![Cinnamon_Buns[1]](http://magee59.ca/wordpress/wp-content/uploads/2010/12/Cinnamon_Buns11-150x150.jpg)
Dough: 3 cups (750 mL) 2% milk; 6 tablespoons (90 mL) butter; 6 tablespoons (90 mL) granulated sugar; 1 tablespoon (15 mL) salt; 1 teaspoon (5 mL) sugar; 1/2 cup (125 mL) warm water; 2 (8 g) packages active dry yeast; 2 large eggs; 9 cups (2.25 L) all-purpose flour.
Filling: 1 1/4 cups (300 mL) sugar; 2 tablespoons (30 mL) ground cinnamon; 3/4 cup (175 mL) melted butter, divided.
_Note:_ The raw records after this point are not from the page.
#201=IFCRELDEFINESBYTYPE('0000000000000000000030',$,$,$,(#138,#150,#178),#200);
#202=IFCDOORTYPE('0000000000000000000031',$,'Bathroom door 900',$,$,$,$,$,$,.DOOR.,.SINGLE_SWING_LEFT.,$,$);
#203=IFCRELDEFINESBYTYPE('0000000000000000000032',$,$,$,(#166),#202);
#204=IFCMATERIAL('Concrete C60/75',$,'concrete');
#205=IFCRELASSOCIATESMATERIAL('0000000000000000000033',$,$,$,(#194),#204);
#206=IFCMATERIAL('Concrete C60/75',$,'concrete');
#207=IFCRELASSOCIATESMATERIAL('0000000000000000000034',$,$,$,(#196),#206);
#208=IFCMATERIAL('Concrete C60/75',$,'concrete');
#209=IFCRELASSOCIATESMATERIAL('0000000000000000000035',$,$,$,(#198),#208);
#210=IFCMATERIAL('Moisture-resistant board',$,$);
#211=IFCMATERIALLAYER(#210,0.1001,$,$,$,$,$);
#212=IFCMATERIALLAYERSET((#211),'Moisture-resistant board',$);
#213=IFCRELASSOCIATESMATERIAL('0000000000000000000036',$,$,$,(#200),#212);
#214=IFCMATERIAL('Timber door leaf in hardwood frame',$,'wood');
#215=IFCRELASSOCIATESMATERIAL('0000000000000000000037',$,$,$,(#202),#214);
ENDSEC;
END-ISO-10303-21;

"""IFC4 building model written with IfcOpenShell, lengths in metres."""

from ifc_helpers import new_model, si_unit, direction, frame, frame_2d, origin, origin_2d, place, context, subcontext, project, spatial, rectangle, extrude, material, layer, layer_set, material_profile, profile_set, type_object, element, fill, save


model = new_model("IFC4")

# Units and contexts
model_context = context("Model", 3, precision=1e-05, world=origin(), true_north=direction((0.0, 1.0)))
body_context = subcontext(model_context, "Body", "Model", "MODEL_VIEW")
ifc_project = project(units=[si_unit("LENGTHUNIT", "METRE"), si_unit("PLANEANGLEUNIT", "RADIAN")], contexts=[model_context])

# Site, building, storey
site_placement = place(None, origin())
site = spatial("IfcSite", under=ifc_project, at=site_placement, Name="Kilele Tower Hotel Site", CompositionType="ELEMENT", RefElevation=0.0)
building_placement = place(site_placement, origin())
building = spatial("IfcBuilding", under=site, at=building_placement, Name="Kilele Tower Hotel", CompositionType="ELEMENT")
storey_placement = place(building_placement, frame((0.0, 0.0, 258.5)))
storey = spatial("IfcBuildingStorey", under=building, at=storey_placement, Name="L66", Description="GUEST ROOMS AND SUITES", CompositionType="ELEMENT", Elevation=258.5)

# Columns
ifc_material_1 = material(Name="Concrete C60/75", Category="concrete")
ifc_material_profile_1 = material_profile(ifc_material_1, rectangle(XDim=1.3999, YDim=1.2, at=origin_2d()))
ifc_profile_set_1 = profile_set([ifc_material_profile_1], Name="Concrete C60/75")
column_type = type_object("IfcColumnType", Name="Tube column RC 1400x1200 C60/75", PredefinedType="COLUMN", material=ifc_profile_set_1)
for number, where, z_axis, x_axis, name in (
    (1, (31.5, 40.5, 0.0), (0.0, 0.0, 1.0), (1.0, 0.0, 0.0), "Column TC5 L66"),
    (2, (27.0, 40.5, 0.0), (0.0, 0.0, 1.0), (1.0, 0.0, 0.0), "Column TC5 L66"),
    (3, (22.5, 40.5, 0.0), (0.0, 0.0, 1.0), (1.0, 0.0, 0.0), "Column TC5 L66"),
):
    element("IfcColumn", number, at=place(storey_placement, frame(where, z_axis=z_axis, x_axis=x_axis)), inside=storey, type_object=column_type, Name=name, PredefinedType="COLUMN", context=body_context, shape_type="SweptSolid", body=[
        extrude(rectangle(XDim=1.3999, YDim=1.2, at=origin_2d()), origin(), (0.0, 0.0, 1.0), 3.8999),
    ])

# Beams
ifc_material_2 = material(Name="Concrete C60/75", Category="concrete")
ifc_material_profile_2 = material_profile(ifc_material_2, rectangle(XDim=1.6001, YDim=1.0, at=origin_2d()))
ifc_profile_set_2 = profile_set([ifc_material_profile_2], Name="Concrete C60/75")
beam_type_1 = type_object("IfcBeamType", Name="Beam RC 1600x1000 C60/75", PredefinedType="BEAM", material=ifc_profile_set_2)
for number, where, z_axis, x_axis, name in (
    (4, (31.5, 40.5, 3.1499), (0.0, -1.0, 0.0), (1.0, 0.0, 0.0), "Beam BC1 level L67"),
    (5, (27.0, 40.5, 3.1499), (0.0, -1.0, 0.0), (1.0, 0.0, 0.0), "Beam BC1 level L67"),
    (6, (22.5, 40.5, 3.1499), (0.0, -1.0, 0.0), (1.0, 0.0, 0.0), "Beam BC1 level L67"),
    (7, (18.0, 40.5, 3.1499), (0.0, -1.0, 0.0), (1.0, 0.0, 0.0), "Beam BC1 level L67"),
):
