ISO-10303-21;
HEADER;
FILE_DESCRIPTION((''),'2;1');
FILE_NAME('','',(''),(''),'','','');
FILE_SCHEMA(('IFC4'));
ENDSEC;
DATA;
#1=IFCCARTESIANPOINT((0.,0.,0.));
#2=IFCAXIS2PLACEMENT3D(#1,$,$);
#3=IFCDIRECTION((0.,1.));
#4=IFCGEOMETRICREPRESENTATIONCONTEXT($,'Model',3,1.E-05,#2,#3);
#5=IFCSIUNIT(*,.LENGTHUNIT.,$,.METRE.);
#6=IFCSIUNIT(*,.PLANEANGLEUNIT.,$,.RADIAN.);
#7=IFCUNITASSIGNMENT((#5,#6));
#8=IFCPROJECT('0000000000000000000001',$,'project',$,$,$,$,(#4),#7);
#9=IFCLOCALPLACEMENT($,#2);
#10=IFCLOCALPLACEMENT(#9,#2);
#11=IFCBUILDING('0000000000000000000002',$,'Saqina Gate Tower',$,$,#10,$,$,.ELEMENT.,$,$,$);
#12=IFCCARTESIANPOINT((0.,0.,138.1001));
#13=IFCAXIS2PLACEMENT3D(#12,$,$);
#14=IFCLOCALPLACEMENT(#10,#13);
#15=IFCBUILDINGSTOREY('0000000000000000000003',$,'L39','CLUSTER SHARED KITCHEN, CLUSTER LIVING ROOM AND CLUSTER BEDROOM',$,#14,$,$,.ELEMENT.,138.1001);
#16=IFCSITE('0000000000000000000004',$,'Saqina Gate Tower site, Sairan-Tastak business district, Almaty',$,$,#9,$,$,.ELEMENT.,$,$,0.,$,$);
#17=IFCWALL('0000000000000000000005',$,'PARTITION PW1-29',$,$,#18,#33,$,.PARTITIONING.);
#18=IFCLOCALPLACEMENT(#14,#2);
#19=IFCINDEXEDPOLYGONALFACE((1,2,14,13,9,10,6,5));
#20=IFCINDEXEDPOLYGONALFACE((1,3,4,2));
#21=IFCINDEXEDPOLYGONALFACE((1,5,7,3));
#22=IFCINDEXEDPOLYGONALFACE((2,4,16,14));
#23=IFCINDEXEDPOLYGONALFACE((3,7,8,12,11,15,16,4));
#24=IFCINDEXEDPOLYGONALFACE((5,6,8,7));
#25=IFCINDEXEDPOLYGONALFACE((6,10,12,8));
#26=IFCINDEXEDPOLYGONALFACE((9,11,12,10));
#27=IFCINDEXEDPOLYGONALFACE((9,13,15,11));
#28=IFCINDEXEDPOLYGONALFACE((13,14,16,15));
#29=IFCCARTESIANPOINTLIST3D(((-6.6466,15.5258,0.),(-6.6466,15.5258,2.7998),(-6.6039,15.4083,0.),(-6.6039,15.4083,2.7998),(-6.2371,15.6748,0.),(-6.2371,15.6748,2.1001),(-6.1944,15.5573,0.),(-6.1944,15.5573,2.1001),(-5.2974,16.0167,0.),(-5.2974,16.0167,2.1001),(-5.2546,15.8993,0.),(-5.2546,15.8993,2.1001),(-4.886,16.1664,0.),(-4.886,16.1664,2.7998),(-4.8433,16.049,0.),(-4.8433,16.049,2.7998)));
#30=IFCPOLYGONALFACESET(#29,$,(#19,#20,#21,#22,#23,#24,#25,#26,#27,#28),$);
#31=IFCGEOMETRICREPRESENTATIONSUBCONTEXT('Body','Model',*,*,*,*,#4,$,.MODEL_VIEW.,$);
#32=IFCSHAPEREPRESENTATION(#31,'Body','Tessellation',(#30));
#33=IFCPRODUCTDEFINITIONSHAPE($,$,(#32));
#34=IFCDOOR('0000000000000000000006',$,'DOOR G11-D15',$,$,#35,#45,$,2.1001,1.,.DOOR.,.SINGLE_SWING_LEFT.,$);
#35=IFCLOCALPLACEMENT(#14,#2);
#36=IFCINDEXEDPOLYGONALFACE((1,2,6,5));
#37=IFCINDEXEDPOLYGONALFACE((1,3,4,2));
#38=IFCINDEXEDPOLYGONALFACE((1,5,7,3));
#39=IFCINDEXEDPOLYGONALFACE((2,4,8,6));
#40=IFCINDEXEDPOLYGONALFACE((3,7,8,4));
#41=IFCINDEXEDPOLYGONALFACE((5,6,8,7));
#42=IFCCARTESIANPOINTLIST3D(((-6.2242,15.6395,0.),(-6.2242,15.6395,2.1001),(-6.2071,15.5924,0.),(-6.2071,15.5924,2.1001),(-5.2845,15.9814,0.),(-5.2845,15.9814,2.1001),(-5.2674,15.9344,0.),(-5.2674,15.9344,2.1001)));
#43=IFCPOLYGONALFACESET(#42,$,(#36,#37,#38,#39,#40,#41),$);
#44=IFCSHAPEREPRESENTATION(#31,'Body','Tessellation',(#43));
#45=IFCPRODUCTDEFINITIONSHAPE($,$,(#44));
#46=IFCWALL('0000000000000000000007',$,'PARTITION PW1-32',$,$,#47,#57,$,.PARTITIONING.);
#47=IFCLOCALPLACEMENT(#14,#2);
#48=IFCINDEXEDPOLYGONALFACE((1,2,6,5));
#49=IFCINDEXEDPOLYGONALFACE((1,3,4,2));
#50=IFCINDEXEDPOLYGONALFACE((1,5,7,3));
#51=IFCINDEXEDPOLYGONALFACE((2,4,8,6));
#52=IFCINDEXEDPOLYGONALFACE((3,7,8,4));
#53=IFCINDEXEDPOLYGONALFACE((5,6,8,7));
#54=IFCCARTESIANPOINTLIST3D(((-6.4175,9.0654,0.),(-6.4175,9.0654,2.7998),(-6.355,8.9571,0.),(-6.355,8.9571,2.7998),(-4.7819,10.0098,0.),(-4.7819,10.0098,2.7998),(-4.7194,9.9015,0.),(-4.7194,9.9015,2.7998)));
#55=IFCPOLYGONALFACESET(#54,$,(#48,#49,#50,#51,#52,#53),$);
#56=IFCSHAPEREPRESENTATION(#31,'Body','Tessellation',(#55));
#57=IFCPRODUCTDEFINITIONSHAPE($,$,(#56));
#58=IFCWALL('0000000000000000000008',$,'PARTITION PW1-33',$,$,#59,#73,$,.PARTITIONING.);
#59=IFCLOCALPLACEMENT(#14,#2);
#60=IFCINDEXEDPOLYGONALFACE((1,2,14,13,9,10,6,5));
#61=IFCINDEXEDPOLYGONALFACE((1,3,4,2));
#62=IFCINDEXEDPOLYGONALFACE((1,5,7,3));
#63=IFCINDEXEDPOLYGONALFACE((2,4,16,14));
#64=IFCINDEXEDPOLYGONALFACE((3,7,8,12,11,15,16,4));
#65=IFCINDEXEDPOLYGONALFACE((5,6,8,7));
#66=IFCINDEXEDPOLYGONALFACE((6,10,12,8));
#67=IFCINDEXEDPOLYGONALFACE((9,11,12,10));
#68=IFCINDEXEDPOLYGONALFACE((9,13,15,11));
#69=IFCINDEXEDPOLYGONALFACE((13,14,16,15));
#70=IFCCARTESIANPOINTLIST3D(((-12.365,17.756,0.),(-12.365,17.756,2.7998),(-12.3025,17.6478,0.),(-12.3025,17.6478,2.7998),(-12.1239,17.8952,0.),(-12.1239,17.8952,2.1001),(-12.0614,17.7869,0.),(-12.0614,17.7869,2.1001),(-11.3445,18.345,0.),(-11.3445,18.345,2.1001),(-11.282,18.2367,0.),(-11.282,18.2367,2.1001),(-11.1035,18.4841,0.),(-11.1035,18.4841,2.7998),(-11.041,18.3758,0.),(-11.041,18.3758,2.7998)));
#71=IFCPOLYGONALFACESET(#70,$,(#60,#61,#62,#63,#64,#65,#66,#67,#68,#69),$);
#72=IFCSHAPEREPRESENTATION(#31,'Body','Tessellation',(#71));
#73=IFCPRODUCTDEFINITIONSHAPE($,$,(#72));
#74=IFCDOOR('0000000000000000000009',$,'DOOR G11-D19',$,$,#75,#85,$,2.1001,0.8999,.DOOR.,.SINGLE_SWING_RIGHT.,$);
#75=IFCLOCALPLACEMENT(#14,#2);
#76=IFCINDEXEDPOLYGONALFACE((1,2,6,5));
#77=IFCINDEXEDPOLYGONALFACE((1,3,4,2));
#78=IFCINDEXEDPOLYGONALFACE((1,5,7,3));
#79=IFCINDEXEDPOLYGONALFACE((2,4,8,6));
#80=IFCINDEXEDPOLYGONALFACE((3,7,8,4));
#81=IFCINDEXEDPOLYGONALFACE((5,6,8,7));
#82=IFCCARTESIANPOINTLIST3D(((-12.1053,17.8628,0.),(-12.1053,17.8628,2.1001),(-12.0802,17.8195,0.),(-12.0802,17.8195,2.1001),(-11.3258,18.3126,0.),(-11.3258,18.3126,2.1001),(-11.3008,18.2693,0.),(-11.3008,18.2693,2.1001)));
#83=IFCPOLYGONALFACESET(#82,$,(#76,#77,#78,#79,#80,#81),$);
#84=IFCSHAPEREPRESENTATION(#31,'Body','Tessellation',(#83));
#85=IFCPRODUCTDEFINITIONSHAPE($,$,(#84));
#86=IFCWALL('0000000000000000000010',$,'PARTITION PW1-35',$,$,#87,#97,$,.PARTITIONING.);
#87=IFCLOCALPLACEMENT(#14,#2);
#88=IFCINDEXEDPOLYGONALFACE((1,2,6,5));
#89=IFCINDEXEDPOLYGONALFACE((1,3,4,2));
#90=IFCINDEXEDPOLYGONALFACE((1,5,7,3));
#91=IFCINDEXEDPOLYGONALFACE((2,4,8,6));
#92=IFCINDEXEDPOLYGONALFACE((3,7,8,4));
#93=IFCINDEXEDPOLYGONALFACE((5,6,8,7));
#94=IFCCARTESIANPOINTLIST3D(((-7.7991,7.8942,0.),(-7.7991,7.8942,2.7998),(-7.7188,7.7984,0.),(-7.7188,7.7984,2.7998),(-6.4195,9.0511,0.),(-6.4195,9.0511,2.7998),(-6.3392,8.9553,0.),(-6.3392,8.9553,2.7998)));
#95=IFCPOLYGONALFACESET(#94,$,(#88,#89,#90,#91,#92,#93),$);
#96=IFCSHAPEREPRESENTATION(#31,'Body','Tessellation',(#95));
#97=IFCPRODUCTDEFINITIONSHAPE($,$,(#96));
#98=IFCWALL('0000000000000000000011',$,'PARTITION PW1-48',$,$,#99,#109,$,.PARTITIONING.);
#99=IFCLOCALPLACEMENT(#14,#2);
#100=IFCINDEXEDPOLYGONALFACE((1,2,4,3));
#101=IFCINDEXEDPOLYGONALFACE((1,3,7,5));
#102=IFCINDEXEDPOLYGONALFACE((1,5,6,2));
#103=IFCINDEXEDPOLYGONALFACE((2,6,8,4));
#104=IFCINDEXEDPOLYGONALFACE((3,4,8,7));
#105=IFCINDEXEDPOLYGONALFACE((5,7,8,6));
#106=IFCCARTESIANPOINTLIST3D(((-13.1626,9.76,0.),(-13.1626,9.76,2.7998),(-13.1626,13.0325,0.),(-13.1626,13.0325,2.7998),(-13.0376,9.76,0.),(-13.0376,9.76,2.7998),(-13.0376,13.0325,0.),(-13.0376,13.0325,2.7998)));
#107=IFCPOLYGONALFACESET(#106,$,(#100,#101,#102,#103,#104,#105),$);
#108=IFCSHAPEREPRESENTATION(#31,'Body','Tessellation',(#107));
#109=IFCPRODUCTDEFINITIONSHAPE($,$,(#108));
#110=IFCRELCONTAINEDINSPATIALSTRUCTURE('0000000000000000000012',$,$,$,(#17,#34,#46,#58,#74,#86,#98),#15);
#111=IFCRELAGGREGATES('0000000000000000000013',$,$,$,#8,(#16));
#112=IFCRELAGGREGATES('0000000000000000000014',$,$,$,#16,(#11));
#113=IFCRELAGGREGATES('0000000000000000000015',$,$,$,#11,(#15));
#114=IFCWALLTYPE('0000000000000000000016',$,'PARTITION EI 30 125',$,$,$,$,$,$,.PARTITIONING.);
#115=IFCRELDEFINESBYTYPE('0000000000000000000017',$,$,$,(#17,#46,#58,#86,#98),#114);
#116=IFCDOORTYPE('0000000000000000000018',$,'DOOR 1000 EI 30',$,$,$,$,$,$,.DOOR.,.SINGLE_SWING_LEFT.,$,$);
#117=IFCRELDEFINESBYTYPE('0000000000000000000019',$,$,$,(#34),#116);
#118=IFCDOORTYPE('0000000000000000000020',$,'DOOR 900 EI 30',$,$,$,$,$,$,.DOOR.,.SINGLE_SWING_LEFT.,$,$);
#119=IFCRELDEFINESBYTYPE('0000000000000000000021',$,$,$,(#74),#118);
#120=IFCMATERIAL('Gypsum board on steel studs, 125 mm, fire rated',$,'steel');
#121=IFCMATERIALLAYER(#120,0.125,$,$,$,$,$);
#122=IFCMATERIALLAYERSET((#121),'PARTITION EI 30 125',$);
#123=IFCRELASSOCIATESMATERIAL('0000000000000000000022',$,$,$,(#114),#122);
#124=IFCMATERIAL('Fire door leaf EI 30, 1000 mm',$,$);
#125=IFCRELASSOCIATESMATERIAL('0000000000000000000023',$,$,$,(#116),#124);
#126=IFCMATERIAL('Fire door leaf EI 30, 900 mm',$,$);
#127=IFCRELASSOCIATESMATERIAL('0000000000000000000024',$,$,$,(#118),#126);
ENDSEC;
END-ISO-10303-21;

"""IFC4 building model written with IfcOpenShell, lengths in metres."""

from ifc_helpers import new_model, si_unit, direction, frame, frame_2d, origin, place, context, subcontext, project, spatial, rectangle, extrude, material, layer, layer_set, type_object, element, fill, save


model = new_model("IFC4")

# Units and contexts
model_context = context("Model", 3, precision=1e-05, world=origin(), true_north=direction((0.0, 1.0)))
body_context = subcontext(model_context, "Body", "Model", "MODEL_VIEW")
ifc_project = project(units=[si_unit("LENGTHUNIT", "METRE"), si_unit("PLANEANGLEUNIT", "RADIAN")], contexts=[model_context])

# Site, building, storey
site_placement = place(None, origin())
site = spatial("IfcSite", under=ifc_project, at=site_placement, Name="Saqina Gate Tower site, Sairan-Tastak business district, Almaty", CompositionType="ELEMENT", RefElevation=0.0)
building_placement = place(site_placement, origin())
building = spatial("IfcBuilding", under=site, at=building_placement, Name="Saqina Gate Tower", CompositionType="ELEMENT")
storey_placement = place(building_placement, frame((0.0, 0.0, 138.1001)))
storey = spatial("IfcBuildingStorey", under=building, at=storey_placement, Name="L39", Description="CLUSTER SHARED KITCHEN, CLUSTER LIVING ROOM AND CLUSTER BEDROOM", CompositionType="ELEMENT", Elevation=138.1001)

# Shared definitions
ifc_material_1 = material(Name="Gypsum board on steel studs, 125 mm, fire rated", Category="steel")
ifc_layer_1 = layer(ifc_material_1, 0.125)
ifc_layer_set_1 = layer_set([ifc_layer_1], Name="PARTITION EI 30 125")
wall_type_1 = type_object("IfcWallType", Name="PARTITION EI 30 125", PredefinedType="PARTITIONING", material=ifc_layer_set_1)

# Wall, opening, door
wall_1_placement = place(storey_placement, frame((-6.6252, 15.467, 0.0), z_axis=(0.0, 0.0, 1.0), x_axis=(0.939717, 0.341952, 0.0)))
wall_1 = element("IfcWall", 1, at=wall_1_placement, inside=storey, type_object=wall_type_1, Name="PARTITION PW1-29", PredefinedType="PARTITIONING", context=body_context, shape_type="SweptSolid", body=[
    extrude(rectangle(XDim=1.8735, YDim=0.125, at=frame_2d((0.9368, 0.0))), origin(), (0.0, 0.0, 1.0), 2.7998),
])
opening_1_placement = place(wall_1_placement, frame((0.4358, 0.0, 0.0)))
opening_1 = element("IfcOpeningElement", 2, at=opening_1_placement, cuts=wall_1, PredefinedType="OPENING", context=body_context, shape_type="SweptSolid", body=[
    extrude(rectangle(XDim=1.0, YDim=2.1001, at=frame_2d((0.5, 1.05))), frame((0.0, 0.0745, 0.0), z_axis=(0.0, -1.0, 0.0), x_axis=(1.0, 0.0, 0.0)), (0.0, 0.0, 1.0), 0.1489),
])
ifc_material_2 = material(Name="Fire door leaf EI 30, 1000 mm")
door_type_1 = type_object("IfcDoorType", Name="DOOR 1000 EI 30", OperationType="SINGLE_SWING_LEFT", PredefinedType="DOOR", material=ifc_material_2)
door_1_placement = place(opening_1_placement, origin())
door_1 = element("IfcDoor", 3, at=door_1_placement, inside=storey, type_object=door_type_1, Name="DOOR G11-D15", OperationType="SINGLE_SWING_LEFT", OverallHeight=2.1001, OverallWidth=1.0, PredefinedType="DOOR", context=body_context, shape_type="SweptSolid", body=[
    extrude(rectangle(XDim=1.0, YDim=2.1001, at=frame_2d((0.5, 1.05))), frame((0.0, 0.0249, 0.0), z_axis=(0.0, -1.0, 0.0), x_axis=(1.0, 0.0, 0.0)), (0.0, 0.0, 1.0), 0.05),
])
fill(opening_1, door_1)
Dough: Scald the milk. Stir in butter, 6 tablespoons (90 mL) sugar, and salt. Cool to lukewarm. Dissolve the 1 teaspoon (5 mL) sugar in lukewarm water. Sprinkle yeast over water mixture. Let stand in warm place for 10 minutes; stir. In large bowl, combine lukewarm milk mixture and eggs. Stir in dissolved yeast. Add 4 to 5 cups (1 to 1.25 L) flour and beat well for 10 minutes. With wooden spoon, gradually add enough of the remaining flour to make a soft dough. Turn dough out on to lightly floured surface and knead until smooth and elastic, adding additional flour as needed. (This is a soft dough.) Place in well greased bowl and roll dough over to grease the top. Cover with a damp cloth and let rise in warm place for 1 hour or until double in size.
Meanwhile prepare filling: In small bowl, combine sugar and cinnamon; set aside.
Punch down dough and turn out on to lightly floured surface. Divide dough in half. Roll out each piece of dough into 18×9-inch (46×23 cm) rectangle. Brush each rectangle generously with melted butter. Place remaining melted butter in bottom of 161/2 x111/2 x21/2-inch (42x29x6 cm) pan. Sprinkle an equal portion of sugar-cinnamon mixture evenly over each rectangle. Roll each dough rectangle up tightly like a jelly roll, starting from the long side; pinch seam to seal. With sharp knife, cut into 2-inch (5 cm) slices. Arrange slices, cut-side down, in prepared pan and cover loosely with greased wax paper. Let rise in warm place for 45 to 60 minutes or until doubled in size.
Bake at 350 F (180 C) for 35 to 45 minutes or until baked. Remove from oven and immediately invert on to serving tray. Recipe makes 18 large cinnamon buns.